Question

A four digit number is formed using the digits 0, 1, 2, 3, 4 without repetition. Find the probability that it is divisible by 4.

Answer 1

Hint: In the four-digit numbers the highest digit must not be zero. By keeping this condition in mind, find the total no. of four-digit numbers that can be formed using the digits 0, 1, 2, 3 and 4. A number is divisible by 4 only when the last two digits of the number is divisible by 4. So find the numbers which have the last two digits exactly divisible by 4.
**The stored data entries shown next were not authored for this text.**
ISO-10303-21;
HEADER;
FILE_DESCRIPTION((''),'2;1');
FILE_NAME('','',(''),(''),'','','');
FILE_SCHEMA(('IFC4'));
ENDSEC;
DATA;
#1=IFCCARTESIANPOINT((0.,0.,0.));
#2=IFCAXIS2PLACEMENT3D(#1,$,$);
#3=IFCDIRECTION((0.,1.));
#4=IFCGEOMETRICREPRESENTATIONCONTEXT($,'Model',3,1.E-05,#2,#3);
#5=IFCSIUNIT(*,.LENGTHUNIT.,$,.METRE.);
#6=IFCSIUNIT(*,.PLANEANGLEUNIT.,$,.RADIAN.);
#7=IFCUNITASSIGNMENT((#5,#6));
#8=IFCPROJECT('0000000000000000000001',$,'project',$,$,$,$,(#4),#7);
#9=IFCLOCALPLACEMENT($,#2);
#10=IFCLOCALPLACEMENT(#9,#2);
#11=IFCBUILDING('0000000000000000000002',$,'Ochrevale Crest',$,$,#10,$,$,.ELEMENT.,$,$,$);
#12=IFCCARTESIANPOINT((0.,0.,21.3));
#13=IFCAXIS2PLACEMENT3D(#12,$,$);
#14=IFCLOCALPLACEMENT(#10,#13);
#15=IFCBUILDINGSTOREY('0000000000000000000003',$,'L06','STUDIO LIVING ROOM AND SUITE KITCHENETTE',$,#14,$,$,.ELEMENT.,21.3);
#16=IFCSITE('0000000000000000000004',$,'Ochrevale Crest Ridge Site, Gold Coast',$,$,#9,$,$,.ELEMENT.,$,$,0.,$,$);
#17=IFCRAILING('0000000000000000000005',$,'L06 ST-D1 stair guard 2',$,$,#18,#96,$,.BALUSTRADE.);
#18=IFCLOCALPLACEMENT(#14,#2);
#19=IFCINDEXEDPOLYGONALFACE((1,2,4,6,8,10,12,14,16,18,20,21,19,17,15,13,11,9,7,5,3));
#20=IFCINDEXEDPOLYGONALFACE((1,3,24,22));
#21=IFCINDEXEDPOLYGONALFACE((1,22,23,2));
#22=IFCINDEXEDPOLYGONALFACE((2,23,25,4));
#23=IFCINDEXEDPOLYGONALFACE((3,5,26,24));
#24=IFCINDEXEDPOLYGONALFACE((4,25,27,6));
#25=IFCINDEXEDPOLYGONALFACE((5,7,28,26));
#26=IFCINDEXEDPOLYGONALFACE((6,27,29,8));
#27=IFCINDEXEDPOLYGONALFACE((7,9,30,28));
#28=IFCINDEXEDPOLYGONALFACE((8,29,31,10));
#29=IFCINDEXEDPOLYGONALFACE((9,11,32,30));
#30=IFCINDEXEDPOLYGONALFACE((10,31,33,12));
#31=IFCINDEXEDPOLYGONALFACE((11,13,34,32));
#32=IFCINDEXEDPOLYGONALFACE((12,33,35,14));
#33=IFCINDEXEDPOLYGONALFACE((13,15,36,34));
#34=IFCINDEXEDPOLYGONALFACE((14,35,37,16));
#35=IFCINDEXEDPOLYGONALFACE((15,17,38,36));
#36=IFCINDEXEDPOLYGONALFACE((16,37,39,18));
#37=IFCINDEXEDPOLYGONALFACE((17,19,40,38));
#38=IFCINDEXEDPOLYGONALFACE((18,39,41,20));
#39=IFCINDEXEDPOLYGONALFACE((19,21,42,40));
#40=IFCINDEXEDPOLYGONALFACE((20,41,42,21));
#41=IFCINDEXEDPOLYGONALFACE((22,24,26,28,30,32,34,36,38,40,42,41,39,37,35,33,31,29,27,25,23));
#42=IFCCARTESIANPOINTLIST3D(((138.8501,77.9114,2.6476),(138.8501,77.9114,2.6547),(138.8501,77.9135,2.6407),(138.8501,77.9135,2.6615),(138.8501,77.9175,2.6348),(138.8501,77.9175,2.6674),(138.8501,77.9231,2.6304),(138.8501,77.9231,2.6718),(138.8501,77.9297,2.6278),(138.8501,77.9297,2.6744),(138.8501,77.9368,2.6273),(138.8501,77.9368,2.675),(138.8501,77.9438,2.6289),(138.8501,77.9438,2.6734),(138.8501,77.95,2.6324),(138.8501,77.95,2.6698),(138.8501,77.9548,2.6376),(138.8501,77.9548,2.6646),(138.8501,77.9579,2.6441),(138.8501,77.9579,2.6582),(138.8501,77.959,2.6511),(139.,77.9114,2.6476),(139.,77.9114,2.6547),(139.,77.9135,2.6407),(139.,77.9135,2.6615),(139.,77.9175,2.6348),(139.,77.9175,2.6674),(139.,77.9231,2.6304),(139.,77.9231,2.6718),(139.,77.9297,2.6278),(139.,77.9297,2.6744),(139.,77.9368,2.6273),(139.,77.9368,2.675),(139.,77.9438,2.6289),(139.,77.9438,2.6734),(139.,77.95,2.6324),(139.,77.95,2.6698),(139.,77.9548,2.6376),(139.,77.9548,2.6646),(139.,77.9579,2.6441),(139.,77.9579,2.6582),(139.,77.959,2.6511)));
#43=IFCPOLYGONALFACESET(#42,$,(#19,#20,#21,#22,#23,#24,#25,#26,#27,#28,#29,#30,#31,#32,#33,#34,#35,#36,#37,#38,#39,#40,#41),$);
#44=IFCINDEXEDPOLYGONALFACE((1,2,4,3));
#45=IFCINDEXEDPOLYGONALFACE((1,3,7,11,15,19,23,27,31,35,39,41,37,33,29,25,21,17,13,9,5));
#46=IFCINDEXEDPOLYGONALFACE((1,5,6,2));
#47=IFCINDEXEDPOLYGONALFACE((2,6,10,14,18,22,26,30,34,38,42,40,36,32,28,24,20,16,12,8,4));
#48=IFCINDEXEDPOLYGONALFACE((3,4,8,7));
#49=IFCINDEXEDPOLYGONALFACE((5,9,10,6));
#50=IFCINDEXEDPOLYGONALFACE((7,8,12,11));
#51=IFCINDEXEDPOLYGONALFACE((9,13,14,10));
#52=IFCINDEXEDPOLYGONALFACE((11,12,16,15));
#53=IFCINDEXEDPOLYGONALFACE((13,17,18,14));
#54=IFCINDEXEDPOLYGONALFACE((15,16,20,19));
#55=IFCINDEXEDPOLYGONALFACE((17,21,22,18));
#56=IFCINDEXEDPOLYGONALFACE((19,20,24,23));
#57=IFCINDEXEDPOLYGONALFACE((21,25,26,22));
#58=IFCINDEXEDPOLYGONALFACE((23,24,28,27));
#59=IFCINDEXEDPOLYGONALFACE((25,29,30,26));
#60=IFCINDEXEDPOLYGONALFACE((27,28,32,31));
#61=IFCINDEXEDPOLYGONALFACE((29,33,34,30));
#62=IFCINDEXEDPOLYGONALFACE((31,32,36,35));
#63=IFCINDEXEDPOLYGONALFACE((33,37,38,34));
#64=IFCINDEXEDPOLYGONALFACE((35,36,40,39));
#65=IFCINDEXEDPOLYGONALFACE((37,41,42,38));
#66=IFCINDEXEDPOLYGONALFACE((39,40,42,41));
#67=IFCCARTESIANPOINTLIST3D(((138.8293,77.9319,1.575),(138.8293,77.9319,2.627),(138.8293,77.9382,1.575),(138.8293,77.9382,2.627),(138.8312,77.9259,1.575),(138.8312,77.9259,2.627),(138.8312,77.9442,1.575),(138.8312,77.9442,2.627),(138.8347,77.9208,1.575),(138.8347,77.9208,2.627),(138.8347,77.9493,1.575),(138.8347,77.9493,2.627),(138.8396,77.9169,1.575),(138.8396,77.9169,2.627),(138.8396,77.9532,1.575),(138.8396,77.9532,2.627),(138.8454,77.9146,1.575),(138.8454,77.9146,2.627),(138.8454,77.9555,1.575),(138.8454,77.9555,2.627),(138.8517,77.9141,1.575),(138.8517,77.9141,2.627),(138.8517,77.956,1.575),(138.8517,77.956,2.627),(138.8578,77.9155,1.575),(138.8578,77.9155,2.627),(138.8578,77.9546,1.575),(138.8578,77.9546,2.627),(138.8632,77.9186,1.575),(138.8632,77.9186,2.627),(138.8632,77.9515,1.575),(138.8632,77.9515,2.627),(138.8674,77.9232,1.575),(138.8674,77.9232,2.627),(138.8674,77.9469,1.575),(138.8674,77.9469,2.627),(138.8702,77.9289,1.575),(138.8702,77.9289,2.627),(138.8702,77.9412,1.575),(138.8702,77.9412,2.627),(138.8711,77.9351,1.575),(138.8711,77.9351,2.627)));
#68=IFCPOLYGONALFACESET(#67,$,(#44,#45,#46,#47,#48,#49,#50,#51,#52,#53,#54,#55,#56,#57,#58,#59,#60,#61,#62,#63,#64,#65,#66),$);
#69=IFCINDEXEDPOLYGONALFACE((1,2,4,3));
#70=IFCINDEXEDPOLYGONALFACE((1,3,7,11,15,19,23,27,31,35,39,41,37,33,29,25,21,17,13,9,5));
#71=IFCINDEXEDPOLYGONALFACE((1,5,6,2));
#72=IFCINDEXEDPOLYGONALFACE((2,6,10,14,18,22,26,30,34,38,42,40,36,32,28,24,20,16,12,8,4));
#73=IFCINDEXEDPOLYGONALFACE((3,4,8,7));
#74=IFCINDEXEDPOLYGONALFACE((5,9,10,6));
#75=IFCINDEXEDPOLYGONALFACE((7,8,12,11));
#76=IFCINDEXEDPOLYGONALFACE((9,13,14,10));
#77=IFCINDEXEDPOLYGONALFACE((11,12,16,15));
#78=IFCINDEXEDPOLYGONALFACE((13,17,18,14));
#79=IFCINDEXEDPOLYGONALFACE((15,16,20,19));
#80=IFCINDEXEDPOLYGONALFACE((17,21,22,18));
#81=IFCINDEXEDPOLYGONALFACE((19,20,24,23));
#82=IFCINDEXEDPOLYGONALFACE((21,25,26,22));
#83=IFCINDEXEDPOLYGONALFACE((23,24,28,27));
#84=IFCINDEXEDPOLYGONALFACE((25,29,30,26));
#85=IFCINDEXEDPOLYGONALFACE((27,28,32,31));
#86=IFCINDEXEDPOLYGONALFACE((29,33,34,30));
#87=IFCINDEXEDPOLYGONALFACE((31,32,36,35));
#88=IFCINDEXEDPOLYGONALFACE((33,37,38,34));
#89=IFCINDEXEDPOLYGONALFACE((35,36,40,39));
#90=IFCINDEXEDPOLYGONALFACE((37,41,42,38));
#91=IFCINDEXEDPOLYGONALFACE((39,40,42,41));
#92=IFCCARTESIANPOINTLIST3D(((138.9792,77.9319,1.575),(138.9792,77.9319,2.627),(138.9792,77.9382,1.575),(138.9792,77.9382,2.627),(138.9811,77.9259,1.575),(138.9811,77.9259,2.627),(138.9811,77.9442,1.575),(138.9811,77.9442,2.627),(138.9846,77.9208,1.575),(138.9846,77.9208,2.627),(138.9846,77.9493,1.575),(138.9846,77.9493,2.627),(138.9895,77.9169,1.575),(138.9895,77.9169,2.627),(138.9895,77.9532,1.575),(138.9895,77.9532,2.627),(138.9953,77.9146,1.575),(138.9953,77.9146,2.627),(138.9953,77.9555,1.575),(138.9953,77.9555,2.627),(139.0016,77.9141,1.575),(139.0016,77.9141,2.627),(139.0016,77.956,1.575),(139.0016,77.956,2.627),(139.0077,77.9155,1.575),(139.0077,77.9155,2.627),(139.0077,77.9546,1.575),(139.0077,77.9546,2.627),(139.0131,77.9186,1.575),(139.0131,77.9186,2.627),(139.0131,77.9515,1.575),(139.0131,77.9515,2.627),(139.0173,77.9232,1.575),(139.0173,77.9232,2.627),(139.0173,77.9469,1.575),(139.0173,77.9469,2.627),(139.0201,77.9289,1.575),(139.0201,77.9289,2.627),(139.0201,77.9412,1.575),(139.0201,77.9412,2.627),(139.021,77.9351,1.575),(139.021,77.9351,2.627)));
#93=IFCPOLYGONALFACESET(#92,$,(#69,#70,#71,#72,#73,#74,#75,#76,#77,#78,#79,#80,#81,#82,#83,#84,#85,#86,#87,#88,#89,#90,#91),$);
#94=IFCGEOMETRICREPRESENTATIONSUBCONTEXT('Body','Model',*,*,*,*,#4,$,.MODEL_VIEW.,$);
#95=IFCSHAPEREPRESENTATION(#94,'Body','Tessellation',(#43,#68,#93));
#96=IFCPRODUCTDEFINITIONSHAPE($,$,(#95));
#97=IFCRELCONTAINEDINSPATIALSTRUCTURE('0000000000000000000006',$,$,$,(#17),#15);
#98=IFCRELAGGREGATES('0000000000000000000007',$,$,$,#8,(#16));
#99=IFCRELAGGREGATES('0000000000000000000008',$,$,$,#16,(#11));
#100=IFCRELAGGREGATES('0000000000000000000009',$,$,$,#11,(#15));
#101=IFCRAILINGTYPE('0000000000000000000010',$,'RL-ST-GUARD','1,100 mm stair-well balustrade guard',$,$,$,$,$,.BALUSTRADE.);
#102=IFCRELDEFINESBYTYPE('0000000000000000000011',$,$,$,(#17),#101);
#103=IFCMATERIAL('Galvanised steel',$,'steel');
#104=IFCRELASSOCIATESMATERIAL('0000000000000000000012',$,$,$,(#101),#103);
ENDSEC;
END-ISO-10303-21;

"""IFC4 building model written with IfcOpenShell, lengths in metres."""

from ifc_helpers import new_model, si_unit, direction, frame, origin, origin_2d, place, context, subcontext, project, spatial, circle, extrude, material, type_object, element, save


model = new_model("IFC4")

# Units and contexts
model_context = context("Model", 3, precision=1e-05, world=origin(), true_north=direction((0.0, 1.0)))
body_context = subcontext(model_context, "Body", "Model", "MODEL_VIEW")
ifc_project = project(units=[si_unit("LENGTHUNIT", "METRE"), si_unit("PLANEANGLEUNIT", "RADIAN")], contexts=[model_context])

# Site, building, storey
site_placement = place(None, origin())
site = spatial("IfcSite", under=ifc_project, at=site_placement, Name="Ochrevale Crest Ridge Site, Gold Coast", CompositionType="ELEMENT", RefElevation=0.0)
building_placement = place(site_placement, origin())
building = spatial("IfcBuilding", under=site, at=building_placement, Name="Ochrevale Crest", CompositionType="ELEMENT")
storey_placement = place(building_placement, frame((0.0, 0.0, 21.3)))
storey = spatial("IfcBuildingStorey", under=building, at=storey_placement, Name="L06", Description="STUDIO LIVING ROOM AND SUITE KITCHENETTE", CompositionType="ELEMENT", Elevation=21.3)

# Railing
ifc_material_1 = material(Name="Galvanised steel", Category="steel")
railing_type_1 = type_object("IfcRailingType", Name="RL-ST-GUARD", Description="1,100 mm stair-well balustrade guard", PredefinedType="BALUSTRADE", material=ifc_material_1)
railing_1_placement = place(storey_placement, frame((138.8501, 77.9351, 1.575)))
element("IfcRailing", 1, at=railing_1_placement, inside=storey, type_object=railing_type_1, Name="L06 ST-D1 stair guard 2", PredefinedType="BALUSTRADE", context=body_context, shape_type="SweptSolid", body=[
    extrude(circle(Radius=0.0239, at=origin_2d()), frame((0.0, 0.0, 1.0762), z_axis=(1.0, 0.0, 0.0), x_axis=(0.0, 1.0, 0.0)), (0.0, 0.0, 1.0), 0.1499),
    extrude(circle(Radius=0.021, at=origin_2d()), origin(), (0.0, 0.0, 1.0), 1.052),
    extrude(circle(Radius=0.021, at=origin_2d()), frame((0.1499, 0.0, 0.0)), (0.0, 0.0, 1.0), 1.052),
])

save(model, "model.ifc")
Complete step-by-step answer:
We are given that a four digit number is formed using the digits 0, 1, 2, 3, 4 without repetition.
Using combinations here, because we have to select the digit from the 5 given digits
Four- digit number must have 4 digits, which means the leftmost digit should not be zero so it can be written in 4 ways, the next digit can be written in 4 ways, the next in 3 ways and the next in 2 ways.
So the number of four digit numbers can be formed using 0, 1, 2, 3, 4 is
 $
\Rightarrow {}^4{C_1} \times {}^4{C_1} \times {}^3{C_1} \times {}^2{C_1} \\
  {}^n{C_r} = \dfrac{{n!}}{{r!\left( {n - r} \right)!}} \\
   = 4 \times 4 \times 3 \times 2 \\
   = 16 \times 6 \\
   = 96 \\
 $
For a number to be divisible by 4, its last two digits must be divisible by 4. The last two digits must be a multiple of 4.
So using the digits 0, 1, 2, 3, 4, the possible multiples of 4 are 04, 40, 12, 20, 24, 32.
When any of the last two digits does not contain zero in it, then the leftmost digit can be written in only 2 ways as it cannot be zero.
So when the last two digits are 0, 4, then the first two places can be written in
$\Rightarrow {}^3{C_1} \times {}^2{C_1} = 3 \times 2 = 6ways $
When the last two digits are 4, 0, then the first two places can be written in
$\Rightarrow {}^3{C_1} \times {}^2{C_1} = 3 \times 2 = 6ways $
When the last two digits are 1, 2, then the first two places can be written in
$\Rightarrow {}^2{C_1} \times {}^2{C_1} = 2 \times 2 = 4ways $
When the last two digits are 2, 0, then the first two places can be written in
$\Rightarrow {}^3{C_1} \times {}^2{C_1} = 3 \times 2 = 6ways $
When the last two digits are 2, 4, then the first two places can be written in
$\Rightarrow {}^2{C_1} \times {}^2{C_1} = 2 \times 2 = 4ways $
When the last two digits are 3, 2, then the first two places can be written in
$\Rightarrow {}^2{C_1} \times {}^2{C_1} = 2 \times 2 = 4ways $
Total number of four-digit numbers that are divisible by 4 is $ 6 + 6 + 4 + 6 + 4 + 4 = 30 $
The probability that the number is divisible by 4 is $ \dfrac{{30}}{{96}} = \dfrac{5}{{16}} $

So, the correct answer is “Option C”.

Note: Combination is the selection of items from a collection. Use combinations when the order of the items that are selected does not matter and when the order matters use permutations.